I asked Steve Brown, author of See Spot Live Longer & Unlocking the Canine Ancestral Diet, when I was considering going "raw" about the retailer's refrigeration system. If they have a problem and the food defrosts, can they still sell it without our knowledge? Our hurricane season goes from June - Nov. One year I was without electricity for 7 days.

Steve stated some retailers will sell poorly-handled food. When he visited many retailers and saw some horrible looking product he was aghast his food could be sold looking that way. It was often the fault of the distributor, not the retailer. The food goes from manufacturer to pet food distributor (who often does not have freezer
trucks) to retailer. Problems can occur any place along the distribution system. Good retailers would not accept partially defrosted food, but those less observant would accept the food and sell it. It's buyer beware, look at the food before you buy it, and if that's not possible, as soon as you get it home if it's full of frost and does not look fresh, return it. No sense in spending good money on bad food.


----------



## MollyWoppy (Mar 19, 2010)

Julie said:


> I wanted to, but I couldn't seem to get a shipping quote on their website. They said to start to process the order to get the quote and I did, but still couldn't seem to find the shipping quote? Anyways, good luck, I'll keep up on this thread to see what others think.


They really have a good selection. I processed through an order for 30lbs of various meats. The shipping/handling price to Ft Myers way was $57.25 plus $5.00 for 1 shipping box (at least I think it would be 1). So the food would work out to be roughly $5 per lb (the meat itself was $87). Seems a lot, but when I look at the variety that there's no way I ever come across down here, maybe it's really not that bad. 
I just might give this a go.


----------



## chowder (Sep 7, 2008)

MollyWoppy said:


> They really have a good selection. I processed through an order for 30lbs of various meats. The shipping/handling price to Ft Myers way was $57.25 plus $5.00 for 1 shipping box (at least I think it would be 1). So the food would work out to be roughly $5 per lb (the meat itself was $87). Seems a lot, but when I look at the variety that there's no way I ever come across down here, maybe it's really not that bad.
> I just might give this a go.


Well, since it is about $3 a pound for most beef here, that really isn't that bad for some of the different meats, especially for a small dog and as an occasional thing. The shipping might be cheaper the closer you live to them, too.


----------



## Roo (Oct 17, 2010)

I've ordered from MPC before, but as a delivery (not shipped) so they drove out to meet me in Nebraska. The organs/meat that I ordered seemed to be really nice quality and were frozen solid, the owners sent me emails and made sure I was satisfied with their service, overall the company seems very caring. I've been pleased with them and will order from them again in the future, they have a facebook page you might want to check out and get more of your questions answered.
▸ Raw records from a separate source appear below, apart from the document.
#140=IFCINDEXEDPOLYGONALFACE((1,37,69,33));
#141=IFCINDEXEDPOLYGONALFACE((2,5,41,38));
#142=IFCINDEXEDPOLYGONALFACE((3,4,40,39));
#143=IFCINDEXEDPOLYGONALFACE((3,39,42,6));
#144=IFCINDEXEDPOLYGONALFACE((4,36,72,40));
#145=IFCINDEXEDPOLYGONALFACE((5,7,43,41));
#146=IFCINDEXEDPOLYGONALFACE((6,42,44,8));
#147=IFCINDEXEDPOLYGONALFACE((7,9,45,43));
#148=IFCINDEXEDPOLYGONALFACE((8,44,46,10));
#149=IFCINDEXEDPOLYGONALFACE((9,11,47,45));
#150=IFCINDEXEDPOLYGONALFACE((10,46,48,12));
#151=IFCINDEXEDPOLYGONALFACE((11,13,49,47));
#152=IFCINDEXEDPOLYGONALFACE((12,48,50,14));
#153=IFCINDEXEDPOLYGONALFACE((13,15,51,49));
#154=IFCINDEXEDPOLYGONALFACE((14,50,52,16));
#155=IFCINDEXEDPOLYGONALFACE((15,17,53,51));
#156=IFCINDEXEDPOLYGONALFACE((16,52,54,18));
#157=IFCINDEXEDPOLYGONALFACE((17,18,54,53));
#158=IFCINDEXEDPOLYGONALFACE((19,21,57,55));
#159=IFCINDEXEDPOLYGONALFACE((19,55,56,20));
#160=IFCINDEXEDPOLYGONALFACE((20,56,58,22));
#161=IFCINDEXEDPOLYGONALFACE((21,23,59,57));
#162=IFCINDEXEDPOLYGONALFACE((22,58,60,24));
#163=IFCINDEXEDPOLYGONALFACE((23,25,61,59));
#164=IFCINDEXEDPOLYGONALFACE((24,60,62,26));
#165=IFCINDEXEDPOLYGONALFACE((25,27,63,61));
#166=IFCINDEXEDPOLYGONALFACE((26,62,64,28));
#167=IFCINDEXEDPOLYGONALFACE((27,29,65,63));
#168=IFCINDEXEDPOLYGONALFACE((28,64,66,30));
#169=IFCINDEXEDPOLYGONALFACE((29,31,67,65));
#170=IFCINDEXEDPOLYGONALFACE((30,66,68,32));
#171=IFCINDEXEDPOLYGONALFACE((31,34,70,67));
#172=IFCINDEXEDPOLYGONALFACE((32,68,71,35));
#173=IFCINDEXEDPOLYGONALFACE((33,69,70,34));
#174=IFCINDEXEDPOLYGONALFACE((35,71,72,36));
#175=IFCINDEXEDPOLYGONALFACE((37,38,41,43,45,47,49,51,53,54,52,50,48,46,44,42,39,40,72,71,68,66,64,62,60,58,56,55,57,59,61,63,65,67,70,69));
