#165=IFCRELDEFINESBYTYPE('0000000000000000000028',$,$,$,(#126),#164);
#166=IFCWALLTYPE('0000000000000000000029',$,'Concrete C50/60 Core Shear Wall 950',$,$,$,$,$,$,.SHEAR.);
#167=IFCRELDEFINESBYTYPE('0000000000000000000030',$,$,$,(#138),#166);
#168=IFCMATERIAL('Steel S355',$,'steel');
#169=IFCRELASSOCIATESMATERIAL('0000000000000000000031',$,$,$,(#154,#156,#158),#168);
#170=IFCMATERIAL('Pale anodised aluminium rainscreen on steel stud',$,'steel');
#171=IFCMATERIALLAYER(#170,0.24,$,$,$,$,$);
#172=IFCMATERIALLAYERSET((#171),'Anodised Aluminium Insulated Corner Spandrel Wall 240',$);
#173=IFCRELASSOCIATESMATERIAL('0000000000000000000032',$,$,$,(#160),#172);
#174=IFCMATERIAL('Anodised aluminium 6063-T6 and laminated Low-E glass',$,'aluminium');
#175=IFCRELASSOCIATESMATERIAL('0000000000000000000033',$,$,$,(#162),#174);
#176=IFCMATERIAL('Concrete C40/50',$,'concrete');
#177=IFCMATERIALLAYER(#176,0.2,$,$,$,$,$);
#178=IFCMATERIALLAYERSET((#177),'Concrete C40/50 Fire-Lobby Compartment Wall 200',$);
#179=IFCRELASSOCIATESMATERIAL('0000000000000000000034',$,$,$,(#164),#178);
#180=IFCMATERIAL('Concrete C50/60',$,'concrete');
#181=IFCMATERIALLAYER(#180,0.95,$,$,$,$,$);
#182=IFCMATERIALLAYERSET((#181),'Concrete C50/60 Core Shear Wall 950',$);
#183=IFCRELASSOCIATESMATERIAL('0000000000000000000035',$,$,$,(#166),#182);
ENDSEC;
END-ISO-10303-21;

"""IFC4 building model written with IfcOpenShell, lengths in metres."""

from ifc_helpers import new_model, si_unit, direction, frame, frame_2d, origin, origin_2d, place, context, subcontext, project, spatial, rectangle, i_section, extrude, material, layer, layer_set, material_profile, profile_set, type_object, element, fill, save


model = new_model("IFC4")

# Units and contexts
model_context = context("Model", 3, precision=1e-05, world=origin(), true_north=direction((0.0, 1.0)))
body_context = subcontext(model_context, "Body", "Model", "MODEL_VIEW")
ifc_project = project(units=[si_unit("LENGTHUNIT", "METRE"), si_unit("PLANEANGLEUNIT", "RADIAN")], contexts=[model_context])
I don't know if this would be another option being closer, but you may want to look into Natural Raw Diet Inc. located in Manchester, TN. they seem to have a nice list of products and have advertised some good prices on the yahoo carnivore feed suppliers forum, they also ship nationally.
Natural Raw Diet, Inc. for your pets their product list http://naturalrawdiet.com/uploads/Natural_Raw_Diet_8_2011.pdf


----------



## swolek (Mar 31, 2011)

I haven't ordered from MPC (yet) but I ordered from Hare-Today once and everything arrived totally frozen and well-packaged. But it's going to depend partially on how far away you are.


----------



## Tobi (Mar 18, 2011)

Roo said:


> I've ordered from MPC before, but as a delivery (not shipped) so they drove out to meet me in Nebraska. The organs/meat that I ordered seemed to be really nice quality and were frozen solid, the owners sent me emails and made sure I was satisfied with their service, overall the company seems very caring. I've been pleased with them and will order from them again in the future, they have a facebook page you might want to check out and get more of your questions answered.
> 
> I don't know if this would be another option being closer, but you may want to look into Natural Raw Diet Inc. located in Manchester, TN. they seem to have a nice list of products and have advertised some good prices on the yahoo carnivore feed suppliers forum, they also ship nationally.
> Natural Raw Diet, Inc. for your pets their product list http://naturalrawdiet.com/uploads/Natural_Raw_Diet_8_2011.pdf


Loving this link, giving them a call tomorrow, only 6 hours from my door :biggrin:


----------



## CorgiPaws (Mar 31, 2009)

Roo said:


> .
> Natural Raw Diet, Inc. for your pets their product list http://naturalrawdiet.com/uploads/Natural_Raw_Diet_8_2011.pdf


I have a new found appreciation for the prices I pay. I'd go flat broke with that price list!


----------



## hmbutler (Aug 4, 2011)

PuppyPaws said:


> I have a new found appreciation for the prices I pay. I'd go flat broke with that price list!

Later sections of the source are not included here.